Among the ones I remember:
I suppose United States was the only "ultraliner" we got in real life. Seems like long range aircraft smothered most of them in the cradle. Would have been pretty interesting to see what we could have gotten had aircraft not been in the picture.
Scharnhorst and Bismarck were sitting right around 50000 hp per shaft as well, Tirpitz made 160000 hp so it was around the same hp per shaft as Iowa. Though to be fair, Iowa was designed with a 20 percent overdrive on her machinery for over 60k hp per shaft.

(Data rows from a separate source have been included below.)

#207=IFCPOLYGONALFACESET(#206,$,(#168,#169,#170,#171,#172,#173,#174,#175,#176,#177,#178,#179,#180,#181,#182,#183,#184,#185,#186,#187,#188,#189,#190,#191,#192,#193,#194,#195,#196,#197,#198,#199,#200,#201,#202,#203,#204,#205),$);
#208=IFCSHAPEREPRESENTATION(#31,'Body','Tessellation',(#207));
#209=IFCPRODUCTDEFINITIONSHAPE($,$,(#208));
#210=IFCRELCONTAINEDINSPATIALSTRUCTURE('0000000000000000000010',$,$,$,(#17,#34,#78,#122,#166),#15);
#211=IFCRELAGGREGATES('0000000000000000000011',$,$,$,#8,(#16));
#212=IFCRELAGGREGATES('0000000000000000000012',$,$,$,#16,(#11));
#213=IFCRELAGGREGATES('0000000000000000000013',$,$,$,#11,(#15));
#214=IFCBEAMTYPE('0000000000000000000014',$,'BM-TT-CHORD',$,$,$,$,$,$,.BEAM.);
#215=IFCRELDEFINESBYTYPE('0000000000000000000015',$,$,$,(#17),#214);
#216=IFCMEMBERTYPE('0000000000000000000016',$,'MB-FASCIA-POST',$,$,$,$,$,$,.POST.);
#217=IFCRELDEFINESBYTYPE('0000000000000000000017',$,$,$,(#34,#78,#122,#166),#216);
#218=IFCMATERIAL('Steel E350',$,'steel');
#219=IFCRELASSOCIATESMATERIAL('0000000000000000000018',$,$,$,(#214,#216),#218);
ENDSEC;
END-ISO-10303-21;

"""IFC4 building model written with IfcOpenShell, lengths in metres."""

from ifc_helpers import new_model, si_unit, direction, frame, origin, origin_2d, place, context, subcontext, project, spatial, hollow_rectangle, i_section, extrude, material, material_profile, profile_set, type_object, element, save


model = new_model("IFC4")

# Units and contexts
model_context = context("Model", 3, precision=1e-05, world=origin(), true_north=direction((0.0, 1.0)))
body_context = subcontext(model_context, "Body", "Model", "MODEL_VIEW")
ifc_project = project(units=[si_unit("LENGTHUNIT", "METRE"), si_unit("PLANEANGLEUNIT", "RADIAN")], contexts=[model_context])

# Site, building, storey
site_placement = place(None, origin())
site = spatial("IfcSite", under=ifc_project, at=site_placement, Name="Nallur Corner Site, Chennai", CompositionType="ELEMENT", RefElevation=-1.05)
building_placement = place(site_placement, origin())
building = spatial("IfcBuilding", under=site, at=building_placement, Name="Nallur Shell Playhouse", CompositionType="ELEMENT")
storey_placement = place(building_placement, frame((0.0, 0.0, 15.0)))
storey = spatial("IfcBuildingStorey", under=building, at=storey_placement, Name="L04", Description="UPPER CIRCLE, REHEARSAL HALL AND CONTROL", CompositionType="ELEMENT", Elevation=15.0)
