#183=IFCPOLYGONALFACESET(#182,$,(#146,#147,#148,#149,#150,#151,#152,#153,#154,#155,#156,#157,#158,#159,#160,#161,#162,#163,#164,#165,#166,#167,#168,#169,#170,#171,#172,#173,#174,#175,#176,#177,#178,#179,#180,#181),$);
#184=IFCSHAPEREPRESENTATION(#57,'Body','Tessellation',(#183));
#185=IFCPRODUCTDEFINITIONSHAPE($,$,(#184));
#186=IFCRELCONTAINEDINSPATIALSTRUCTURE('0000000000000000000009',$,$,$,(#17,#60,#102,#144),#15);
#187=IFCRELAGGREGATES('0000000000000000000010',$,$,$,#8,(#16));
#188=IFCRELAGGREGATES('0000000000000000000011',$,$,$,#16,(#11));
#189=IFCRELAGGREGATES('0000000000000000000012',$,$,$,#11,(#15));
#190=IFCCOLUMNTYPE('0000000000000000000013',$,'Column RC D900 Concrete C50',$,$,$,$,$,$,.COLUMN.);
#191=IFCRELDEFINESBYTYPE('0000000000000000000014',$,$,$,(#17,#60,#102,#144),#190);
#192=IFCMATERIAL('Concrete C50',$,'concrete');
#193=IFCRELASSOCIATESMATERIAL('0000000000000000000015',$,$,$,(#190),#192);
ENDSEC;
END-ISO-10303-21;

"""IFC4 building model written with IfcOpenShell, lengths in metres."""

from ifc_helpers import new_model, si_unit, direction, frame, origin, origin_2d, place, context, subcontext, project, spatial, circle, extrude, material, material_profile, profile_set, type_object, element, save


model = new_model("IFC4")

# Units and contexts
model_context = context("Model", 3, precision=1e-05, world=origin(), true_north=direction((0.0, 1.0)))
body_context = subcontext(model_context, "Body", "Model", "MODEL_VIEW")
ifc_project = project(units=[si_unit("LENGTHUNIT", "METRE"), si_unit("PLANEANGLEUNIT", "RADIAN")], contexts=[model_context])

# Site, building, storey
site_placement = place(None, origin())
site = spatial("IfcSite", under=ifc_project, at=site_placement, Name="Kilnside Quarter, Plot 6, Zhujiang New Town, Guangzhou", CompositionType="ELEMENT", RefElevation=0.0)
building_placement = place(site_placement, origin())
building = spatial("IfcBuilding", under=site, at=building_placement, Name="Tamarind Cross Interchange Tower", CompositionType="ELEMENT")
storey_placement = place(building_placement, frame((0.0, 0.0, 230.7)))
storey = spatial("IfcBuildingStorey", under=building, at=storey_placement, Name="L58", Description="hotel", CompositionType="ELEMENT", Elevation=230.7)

I do wonder about the maximum now, the largest military powerplants these days are the US CVNs at 70k hp per shaft. But because of how clandestine the propulsion of modern warships are I do wonder if they could transmit more power to the water. Even the 1949 USS United States' final design had 280000 hp.
Contra-rotating propellers might work to help circumvent that problem; the classic application of marine contra-rotating propellers is for torpedoes, to achieve maximum thrust on limited diameter. I certainly can't find anything discrediting the idea from a hydrodynamic standpoint. However, contra-rotating propellers are mechanically complex, a problem that's especially bad with large military propellers, both from a raw size point of view and also because azimuth pods aren't an option due to the fact that you can't maintain them while underway, which is no bueno for military applications.
Remember that all the other ships are being rated based on their engine power, and have the same losses to contend with, so the E-class certainly are running with the highest shaft loadings. I don't think there's anything magical about a 70,000-hp limit; that may have been the state of the art at one point, but a large part of that would be because there wasn't demand for more. A sufficiently large, slow turning propeller - keeping the tip speed down - ought to be able to be designed to absorb any amount of power. The ultimate limit is probably a structural one.
The vast majority vessels built these days that might bump up against the 70k hp limit are military, (since the E class is a bit of an outlier, most container ships have 2 shafts afaik) and it would be in their best interest to conceal the ultimate capability of their vessels. The details of most modern warships are classified anyway so its hard to say what advances in shaft horsepower they have made in the last 70 years. Continued ocean liner development past the 1950s might have had some interesting results, since going past 4 shafts seems to have serious diminishing returns.
Probably the biggest factor for stagnation on the military side is that the Nimitz-class have for the last 50 years or so been the only military vessels bumping up against the limit, and they were limited more by the steam generation of their reactors than their shaft load. The class started out only producing enough steam for 260,000 shp, and it's not until their reactors were recored that they could output 280,000 at all. Why bother going to the trouble of designing new propellers when your reactors can't put out more horsepower anyway?
You're only partly wrong, for a larger ship the required horsepower per ton goes down but the tonnage increases as volume increases meaning that you would still need more power.So why was that? The surface area to volume ratio goes down - so my initial instinct is that less power should be required for a larger ship. Obviously I'm wrong - but I'd like to know why!
The kirov class only has two shafts and 140000 hp. So there's another ship that hits the limit anyhow. I wonder if the conservatism shown towards individual shaft horsepower is in the interest of reliability. A "if it ain't broke don't fix it" mentality if you will.
He's absolutely right: power requirement are not directly related to weight but to surface. For every cube increase of volume surface and thus power increase by square. So if you want to go faster without reducing the payload factor the simple solution is going for a bigger shipYou're only partly wrong, for a larger ship the required horsepower per ton goes down but the tonnage increases as volume increases meaning that you would still need more power.So why was that? The surface area to volume ratio goes down - so my initial instinct is that less power should be required for a larger ship. Obviously I'm wrong - but I'd like to know why!
The E class are actually a bit of a weird transitional state, designed before the 2008-2009 financial crisis (and rising environmental awareness) led to a reduced emphasis on speed and increased emphasis on efficiency, but still trying to make economies. The single shaft was part of that. Newer container liners return to two, relatively lightly loaded, screws because they can be optimised for minimal fuel consumption at relatively modest speeds.
This only applies to frictional resistance, which is one of two principal components of resistance for a ship. The other is wavemaking resistance, which is not a function of surface area, but of hullform and displacement. At very low speeds, or away from a free surface, wavemaking is negligible, which is why nuclear submarines look the way they do and have atrocious surfaced performance.
I had no idea that the B class was so quick, I guess the E class seems like a logical middle ground between the B and the EEE in terms of speed.
It depends on the size. A 40-knot, 10-metre vessel has to be a fully planing hull. It just isn't possible any other way.